Ever since our arrival Hays and I had been threatening to patronize one of the two public bath houses with a first-class bogotano reputation rumor had it existed in the capital. But in a land where the temperature rarely reaches fifty, and the floors are tiled, it takes courage, and we had been satisfying ourselves and our duty to humanity by bravely splashing a basin of icy water over our manly forms each morning on arising. By dint of strong resolutions often repeated to be up at six and visit one of the casas de baÑos, we did finally manage one morning to find ourselves wandering the streets by eight, with towel and soap under our arms, and stared at by all we met. We discovered “La Violeta” at last, next door to a blacksmith shop. The keeper we woke up told us we might have a cold bath, but that the sign on the front wall: “Hot Baths at all Hours,” was to be taken with a bogotano meaning.

A few mornings later we did actually find the other establishment open. We entered a large patio, the most striking of several buildings within which was a round, or, more exactly, an eight-sided house, and in time succeeded in arousing the place to the extent of bringing down upon us a youth hugely excited at the appearance of a crowd of two whole bathers all at one time. It turned out that each of the eight sides of the strange building was—theoretically—a bathroom of the shape of a slice of cake, with a frigid tile floor and an aged porcelain tub in which a bath cost only $10. At the back was a larger, though none the less dreary, chamber with a regadera, or shower-bath. The youth assured us there was plenty of hot water. I won the toss and was soon stripped. But the shower was colder than the ice-fields bounding the pole. When I had caught my breath I bawled my repertory of profane Spanish at the youth, who could be seen through a hole above pottering with some sort of upright boiler and firebox and now and then peering down upon me. Suddenly the water grew warm, hot, boiling, then, just when I had soaped myself from crown to toe in the steam, it turned as suddenly cold again, and an instant later stopped entirely. My eyes tight closed, I shouted at the youth above.

Es que el agua caliente se acabÓ,” he droned. “It is that the hot water has finished itself.”

There being no deadly weapon at hand, I turned on a tap of ice-cold water and raced to the dressing-room still half soaped. Hays, scantily clad, was gazing fiercely at the youth through a hole in the door.

“Then there isn’t any more hot water?” he demanded.

“Not now, seÑor, but there will be soon.”

“Good. How soon?”

“Early to-morrow morning, seÑor.”

“But I want to bathe now!”

“Ah, you want to bathe?” repeated the youth, with wide-open eyes.

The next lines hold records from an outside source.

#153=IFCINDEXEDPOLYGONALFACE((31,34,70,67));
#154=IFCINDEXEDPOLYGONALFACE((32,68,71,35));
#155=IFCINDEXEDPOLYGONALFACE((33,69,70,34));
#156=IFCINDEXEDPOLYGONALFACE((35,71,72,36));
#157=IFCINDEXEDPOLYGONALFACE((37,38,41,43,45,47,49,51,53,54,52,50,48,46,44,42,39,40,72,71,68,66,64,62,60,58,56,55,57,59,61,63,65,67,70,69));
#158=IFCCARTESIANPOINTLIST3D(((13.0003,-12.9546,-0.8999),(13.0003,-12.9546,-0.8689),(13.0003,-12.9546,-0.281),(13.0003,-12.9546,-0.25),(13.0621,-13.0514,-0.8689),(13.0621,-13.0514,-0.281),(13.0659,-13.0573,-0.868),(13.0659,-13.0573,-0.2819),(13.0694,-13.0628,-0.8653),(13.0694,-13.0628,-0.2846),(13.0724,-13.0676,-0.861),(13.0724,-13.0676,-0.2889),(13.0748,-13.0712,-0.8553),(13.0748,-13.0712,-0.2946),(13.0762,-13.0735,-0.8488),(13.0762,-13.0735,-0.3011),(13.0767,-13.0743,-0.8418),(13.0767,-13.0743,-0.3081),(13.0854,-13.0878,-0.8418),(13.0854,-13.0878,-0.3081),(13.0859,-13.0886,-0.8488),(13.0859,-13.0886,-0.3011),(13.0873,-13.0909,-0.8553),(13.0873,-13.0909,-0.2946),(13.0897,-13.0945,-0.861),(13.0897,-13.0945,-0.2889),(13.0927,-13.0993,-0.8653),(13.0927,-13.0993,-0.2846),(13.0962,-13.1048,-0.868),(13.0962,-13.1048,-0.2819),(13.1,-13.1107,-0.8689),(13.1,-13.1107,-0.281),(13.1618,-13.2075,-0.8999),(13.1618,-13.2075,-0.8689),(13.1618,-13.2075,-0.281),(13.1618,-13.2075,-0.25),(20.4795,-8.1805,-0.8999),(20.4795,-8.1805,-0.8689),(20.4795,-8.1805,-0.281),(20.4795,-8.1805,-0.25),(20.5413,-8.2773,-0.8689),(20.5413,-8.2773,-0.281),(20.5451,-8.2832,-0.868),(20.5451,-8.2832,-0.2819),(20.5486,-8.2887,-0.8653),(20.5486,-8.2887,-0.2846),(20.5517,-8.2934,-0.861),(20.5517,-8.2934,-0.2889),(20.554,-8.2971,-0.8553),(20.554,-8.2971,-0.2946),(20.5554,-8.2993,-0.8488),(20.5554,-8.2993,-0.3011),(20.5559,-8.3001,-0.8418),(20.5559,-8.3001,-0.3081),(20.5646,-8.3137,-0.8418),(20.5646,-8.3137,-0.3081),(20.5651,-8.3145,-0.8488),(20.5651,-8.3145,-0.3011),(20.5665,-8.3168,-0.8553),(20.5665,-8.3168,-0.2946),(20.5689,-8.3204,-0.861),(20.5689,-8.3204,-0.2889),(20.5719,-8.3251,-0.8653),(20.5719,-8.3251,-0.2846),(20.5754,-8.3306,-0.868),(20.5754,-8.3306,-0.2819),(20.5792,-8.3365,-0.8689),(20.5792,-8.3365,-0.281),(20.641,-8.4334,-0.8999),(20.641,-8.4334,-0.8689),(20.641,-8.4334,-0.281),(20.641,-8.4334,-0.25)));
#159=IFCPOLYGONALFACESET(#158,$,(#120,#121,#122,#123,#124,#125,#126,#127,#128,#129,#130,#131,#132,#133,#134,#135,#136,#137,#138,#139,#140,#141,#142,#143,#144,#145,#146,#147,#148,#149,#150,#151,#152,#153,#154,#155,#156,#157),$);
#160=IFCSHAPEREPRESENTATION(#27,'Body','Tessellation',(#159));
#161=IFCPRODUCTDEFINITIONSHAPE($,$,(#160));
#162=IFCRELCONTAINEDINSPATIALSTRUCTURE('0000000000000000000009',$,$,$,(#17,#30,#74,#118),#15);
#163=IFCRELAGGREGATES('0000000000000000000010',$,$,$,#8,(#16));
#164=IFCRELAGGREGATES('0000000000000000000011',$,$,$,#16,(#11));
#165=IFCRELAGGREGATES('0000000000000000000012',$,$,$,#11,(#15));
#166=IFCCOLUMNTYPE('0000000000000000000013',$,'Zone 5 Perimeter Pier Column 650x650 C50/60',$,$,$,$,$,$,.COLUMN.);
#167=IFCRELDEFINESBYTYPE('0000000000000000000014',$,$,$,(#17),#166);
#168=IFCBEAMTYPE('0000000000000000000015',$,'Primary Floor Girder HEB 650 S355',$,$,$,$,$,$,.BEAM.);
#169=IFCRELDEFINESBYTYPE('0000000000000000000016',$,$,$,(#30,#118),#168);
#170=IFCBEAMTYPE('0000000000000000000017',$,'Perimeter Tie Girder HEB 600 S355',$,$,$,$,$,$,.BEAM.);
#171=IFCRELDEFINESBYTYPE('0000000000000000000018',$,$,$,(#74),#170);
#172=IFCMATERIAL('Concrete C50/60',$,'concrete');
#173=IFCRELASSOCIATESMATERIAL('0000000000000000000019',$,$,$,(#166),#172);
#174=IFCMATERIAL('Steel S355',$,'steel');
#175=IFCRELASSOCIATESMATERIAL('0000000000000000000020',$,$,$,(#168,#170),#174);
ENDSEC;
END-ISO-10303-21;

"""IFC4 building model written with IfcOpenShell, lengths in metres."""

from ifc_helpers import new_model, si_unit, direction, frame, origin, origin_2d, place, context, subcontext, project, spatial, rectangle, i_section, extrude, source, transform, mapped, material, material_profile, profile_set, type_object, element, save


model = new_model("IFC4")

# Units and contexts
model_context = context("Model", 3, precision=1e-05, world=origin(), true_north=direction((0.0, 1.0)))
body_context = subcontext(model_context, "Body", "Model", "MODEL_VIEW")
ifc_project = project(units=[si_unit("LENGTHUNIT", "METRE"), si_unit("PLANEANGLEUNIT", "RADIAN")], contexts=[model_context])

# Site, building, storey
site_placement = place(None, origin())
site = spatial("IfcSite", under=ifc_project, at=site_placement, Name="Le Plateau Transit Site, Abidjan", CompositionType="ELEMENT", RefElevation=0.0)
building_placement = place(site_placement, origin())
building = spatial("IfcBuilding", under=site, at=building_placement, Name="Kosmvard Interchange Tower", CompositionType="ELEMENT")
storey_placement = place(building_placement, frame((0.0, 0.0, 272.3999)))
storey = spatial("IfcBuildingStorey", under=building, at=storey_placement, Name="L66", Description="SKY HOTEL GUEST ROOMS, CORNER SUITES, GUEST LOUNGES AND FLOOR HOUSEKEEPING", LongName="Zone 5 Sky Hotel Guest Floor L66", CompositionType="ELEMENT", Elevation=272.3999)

“No, you cross-eyed Son of Spigdom,” exploded the ordinarily even-tempered ex-corporal, “I came here and stripped to an undershirt that I might dance in my bare feet on this tile floor in honor of JosÉ MarÍa de la Santa Trinidad SimÓn BolÍvar! Get up on that roof and fire up or ...”

The youth was already feverishly stoking armsful of wood under the upright boiler, and by the time I left for home Hays was shadow boxing to keep warm, with a fair chance of getting a bath before the day was done.

As is to be expected from its isolation, the Colombian capital is a deeply religious, not to say a fanatical, city. An infernal din of church bells of the tone of suspended pans or broken boilers makes the early morning hours hideous and continues at frequent intervals throughout the day. Here, contrary to the custom in most centers of the Latin race, the men as well as the women go to church. College professors and literary lights of no mean ability seriously contend that the shinbone of some saint in this shrine or that “temple” has miraculous power; but the superstition of isolation hangs particularly heavy over the uneducated masses. Of late years the Liberals and the Masons have grown nearly as powerful as the Conservatives, and do not hesitate to express themselves freely in public, knowing that in case of attack any representative body of the population includes fellow-Liberals who will come to their rescue. Every public gathering is pregnant with possibilities of an outburst between the two divisions of society. The very school-boys talk politics—here inextricably entangled with religion—and the foreigner who wishes to hold the attention of a Colombian for a conversation of any length must have some knowledge, or at least a plausible pretense of knowledge, of interior political questions. It was a bare three years since a Protestant missionary had been stoned by the populace of BogotÁ, though he now held his services in peace in what, despite the lack of outward signs, was really a church. Policemen armed with rifles liberally besprinkle every meeting in theater, cathedral, or public square. Shortly before our arrival a dozen officers and citizens had been killed in a religious riot in the bullring.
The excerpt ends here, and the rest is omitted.